Ponselnya berbunyi. Sebuah pesan dari nomor tak dikenal.
> "Terima kasih sudah datang hari ini. Maaf kalau suasananya agak aneh. –R."
Aruna terdiam. Ia tidak memberi nomor teleponnya pada Raka, dan ia cukup yakin tak pernah menuliskannya di daftar kelompok. Dari mana Raka tahu?
Dia membalas pesan itu dengan singkat.
> "Kamu dapat nomorku dari mana?"
Tak ada balasan. Detik berganti menit, dan Aruna memutuskan untuk tidak terlalu dipikirkan. Tapi di dalam hatinya, ia tahu—ini bukan hal biasa.
---
Sesampainya di rumah, Aruna langsung masuk ke kamar tanpa sempat menjawab sapaan ibunya dari ruang tengah. Ia menutup pintu, membuka buku hariannya, dan mulai menulis cepat:
> Aku yakin aku pernah bertemu Raka sebelumnya. Tapi kapan? Di mana? Kenapa aku nggak bisa ingat wajahnya saat kecil? Lalu… kenapa dia tahu nomor teleponku?
Tiba-tiba ada suara ketukan dari jendela kamarnya. Aruna terlonjak kaget. Ia menoleh cepat.
Jendela kamarnya berada di lantai dua, dan sangat tidak mungkin ada orang bisa mengetuknya dari luar... kecuali seseorang naik ke atap.
Namun saat ia buka tirai jendela, tak ada siapa-siapa.
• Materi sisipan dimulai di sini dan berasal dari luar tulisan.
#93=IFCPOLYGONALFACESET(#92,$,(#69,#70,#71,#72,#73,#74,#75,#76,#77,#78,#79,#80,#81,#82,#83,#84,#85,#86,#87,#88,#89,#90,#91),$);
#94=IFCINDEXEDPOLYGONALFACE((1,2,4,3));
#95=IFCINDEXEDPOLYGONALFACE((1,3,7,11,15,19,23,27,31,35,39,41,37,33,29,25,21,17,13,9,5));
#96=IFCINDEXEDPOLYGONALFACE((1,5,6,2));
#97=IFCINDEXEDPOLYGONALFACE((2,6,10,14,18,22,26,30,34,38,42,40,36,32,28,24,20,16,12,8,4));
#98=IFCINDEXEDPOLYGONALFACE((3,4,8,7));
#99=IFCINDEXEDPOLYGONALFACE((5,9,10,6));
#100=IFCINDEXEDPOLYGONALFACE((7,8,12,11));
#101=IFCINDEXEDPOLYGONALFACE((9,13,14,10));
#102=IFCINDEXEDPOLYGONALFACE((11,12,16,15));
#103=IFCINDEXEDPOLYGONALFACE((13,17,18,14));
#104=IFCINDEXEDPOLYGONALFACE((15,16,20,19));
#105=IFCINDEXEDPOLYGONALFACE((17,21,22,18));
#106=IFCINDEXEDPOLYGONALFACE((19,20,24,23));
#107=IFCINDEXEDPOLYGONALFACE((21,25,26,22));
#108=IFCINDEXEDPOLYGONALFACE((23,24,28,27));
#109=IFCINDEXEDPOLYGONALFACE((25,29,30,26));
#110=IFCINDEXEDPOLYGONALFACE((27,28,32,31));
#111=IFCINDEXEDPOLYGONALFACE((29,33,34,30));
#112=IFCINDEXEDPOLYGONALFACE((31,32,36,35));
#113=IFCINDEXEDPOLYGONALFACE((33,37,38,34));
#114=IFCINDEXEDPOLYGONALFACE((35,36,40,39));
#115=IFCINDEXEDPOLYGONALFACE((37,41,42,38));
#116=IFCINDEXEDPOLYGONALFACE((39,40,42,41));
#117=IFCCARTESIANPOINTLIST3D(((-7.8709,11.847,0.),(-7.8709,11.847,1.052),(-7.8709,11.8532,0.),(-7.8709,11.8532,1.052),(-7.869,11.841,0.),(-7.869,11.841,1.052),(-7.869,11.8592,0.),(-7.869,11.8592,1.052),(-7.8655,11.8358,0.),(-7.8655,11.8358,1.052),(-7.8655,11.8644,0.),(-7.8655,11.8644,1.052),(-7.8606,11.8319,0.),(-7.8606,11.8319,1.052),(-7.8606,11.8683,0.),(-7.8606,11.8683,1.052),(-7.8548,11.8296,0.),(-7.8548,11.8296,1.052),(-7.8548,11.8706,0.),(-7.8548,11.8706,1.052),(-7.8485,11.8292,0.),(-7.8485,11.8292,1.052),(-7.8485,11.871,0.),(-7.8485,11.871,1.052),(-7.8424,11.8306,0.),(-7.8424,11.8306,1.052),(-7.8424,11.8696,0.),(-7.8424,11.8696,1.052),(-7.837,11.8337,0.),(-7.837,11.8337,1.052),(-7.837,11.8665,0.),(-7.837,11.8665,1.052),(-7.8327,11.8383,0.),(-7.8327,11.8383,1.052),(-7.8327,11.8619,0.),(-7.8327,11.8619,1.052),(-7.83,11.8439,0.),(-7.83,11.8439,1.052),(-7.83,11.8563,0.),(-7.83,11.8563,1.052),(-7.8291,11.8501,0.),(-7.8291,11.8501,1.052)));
Hanya bayangan malam dan suara jangkrik.
Nafasnya mulai tak beraturan. Aruna mengambil ponsel dan menyalakan senter, mencoba menyinari luar jendela. Tetap tak ada siapa pun. Tapi begitu ia menoleh ke balik mejanya, sebuah kertas kecil terselip di bawah pintu kamar.
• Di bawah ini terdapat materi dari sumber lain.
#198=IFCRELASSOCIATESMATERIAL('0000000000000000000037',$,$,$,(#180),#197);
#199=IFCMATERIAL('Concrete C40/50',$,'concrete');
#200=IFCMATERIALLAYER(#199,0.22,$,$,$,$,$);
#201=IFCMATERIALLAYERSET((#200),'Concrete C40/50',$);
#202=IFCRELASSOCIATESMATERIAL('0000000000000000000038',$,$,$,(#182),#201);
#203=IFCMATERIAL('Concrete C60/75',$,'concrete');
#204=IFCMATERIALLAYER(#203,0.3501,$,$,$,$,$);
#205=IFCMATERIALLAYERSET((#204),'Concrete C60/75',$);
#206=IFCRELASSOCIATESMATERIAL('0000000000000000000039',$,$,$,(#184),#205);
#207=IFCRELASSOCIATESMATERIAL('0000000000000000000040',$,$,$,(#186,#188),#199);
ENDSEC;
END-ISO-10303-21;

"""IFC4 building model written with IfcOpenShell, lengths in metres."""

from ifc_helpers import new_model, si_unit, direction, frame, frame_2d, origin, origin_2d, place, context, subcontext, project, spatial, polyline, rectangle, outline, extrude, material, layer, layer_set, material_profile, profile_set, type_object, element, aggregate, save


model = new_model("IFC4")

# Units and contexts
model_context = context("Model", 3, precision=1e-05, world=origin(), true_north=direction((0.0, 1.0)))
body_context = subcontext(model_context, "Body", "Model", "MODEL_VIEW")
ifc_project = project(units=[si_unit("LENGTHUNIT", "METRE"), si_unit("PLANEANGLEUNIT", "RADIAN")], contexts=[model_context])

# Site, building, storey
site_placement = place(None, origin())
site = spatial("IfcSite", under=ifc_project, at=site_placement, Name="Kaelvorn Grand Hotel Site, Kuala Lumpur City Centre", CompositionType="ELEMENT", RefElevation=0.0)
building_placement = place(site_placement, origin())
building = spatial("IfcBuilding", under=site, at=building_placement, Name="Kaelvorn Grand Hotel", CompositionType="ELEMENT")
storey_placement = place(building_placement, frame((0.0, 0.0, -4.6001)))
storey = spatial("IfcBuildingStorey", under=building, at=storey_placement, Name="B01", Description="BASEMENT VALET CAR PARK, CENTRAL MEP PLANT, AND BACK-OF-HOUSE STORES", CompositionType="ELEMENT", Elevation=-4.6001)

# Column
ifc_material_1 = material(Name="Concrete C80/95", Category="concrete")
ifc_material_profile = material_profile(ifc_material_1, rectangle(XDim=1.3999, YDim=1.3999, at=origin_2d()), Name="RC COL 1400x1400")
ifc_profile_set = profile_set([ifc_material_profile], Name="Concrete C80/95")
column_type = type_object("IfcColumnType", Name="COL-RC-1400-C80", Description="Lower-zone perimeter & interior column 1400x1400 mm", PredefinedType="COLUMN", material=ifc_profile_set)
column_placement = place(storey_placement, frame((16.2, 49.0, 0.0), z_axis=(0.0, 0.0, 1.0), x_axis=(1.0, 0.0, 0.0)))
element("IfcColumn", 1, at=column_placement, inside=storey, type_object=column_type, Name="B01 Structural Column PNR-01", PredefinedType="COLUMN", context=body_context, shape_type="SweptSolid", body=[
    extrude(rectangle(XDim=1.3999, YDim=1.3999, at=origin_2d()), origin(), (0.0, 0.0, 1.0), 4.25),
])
Tangannya gemetar saat memungutnya. Di atas kertas itu, tertulis tulisan tangan halus:
> “Ingat perlahan. Kamu pernah melihat langit yang sama.”
---
Sementara itu, di tempat lain...
Raka duduk di depan laptopnya. Di layar, terbuka berbagai jendela program monitoring, beberapa akses file, dan catatan digital yang penuh kode.
Sebuah suara perempuan terdengar dari speaker kecil di pojok meja.
> “Aktivasi berjalan lancar. Subjek mulai menunjukkan respons awal.”
Raka menjawab tenang, “Langkah berikutnya: bangunkan ingatan dia. Perlahan, jangan paksa.”
> “Kamu yakin dia nggak akan takut kalau tahu semuanya?”
Raka menatap layar. Lalu, senyumnya muncul. Dingin, dan penuh teka-teki.
“Dia harus tahu. Karena masa depannya bergantung pada masa lalunya.”
---
Keesokan harinya di sekolah, Aruna merasa semua orang terlihat aneh. Bukan karena mereka benar-benar berubah, tapi karena pikirannya yang terlalu kacau.
Jihan menyambutnya seperti biasa, tapi Aruna hanya membalas seadanya. Ia masih teringat pesan dari Raka, kertas misterius, dan suara ketukan jendela yang tak masuk akal.
ESTÁS LEYENDO
LANGIT YANG SAMA
Misterio / SuspensoSINOPSIS : Sekumpulan remaja di sebuah SMA favorit di Yogyakarta tampak hidup dalam kenyamanan-sekolah elit, pergaulan gemerlap, dan keluarga terpandang. Tapi di balik semua itu, tersembunyi luka, rahasia, dan hubungan yang saling mengikat mereka ta...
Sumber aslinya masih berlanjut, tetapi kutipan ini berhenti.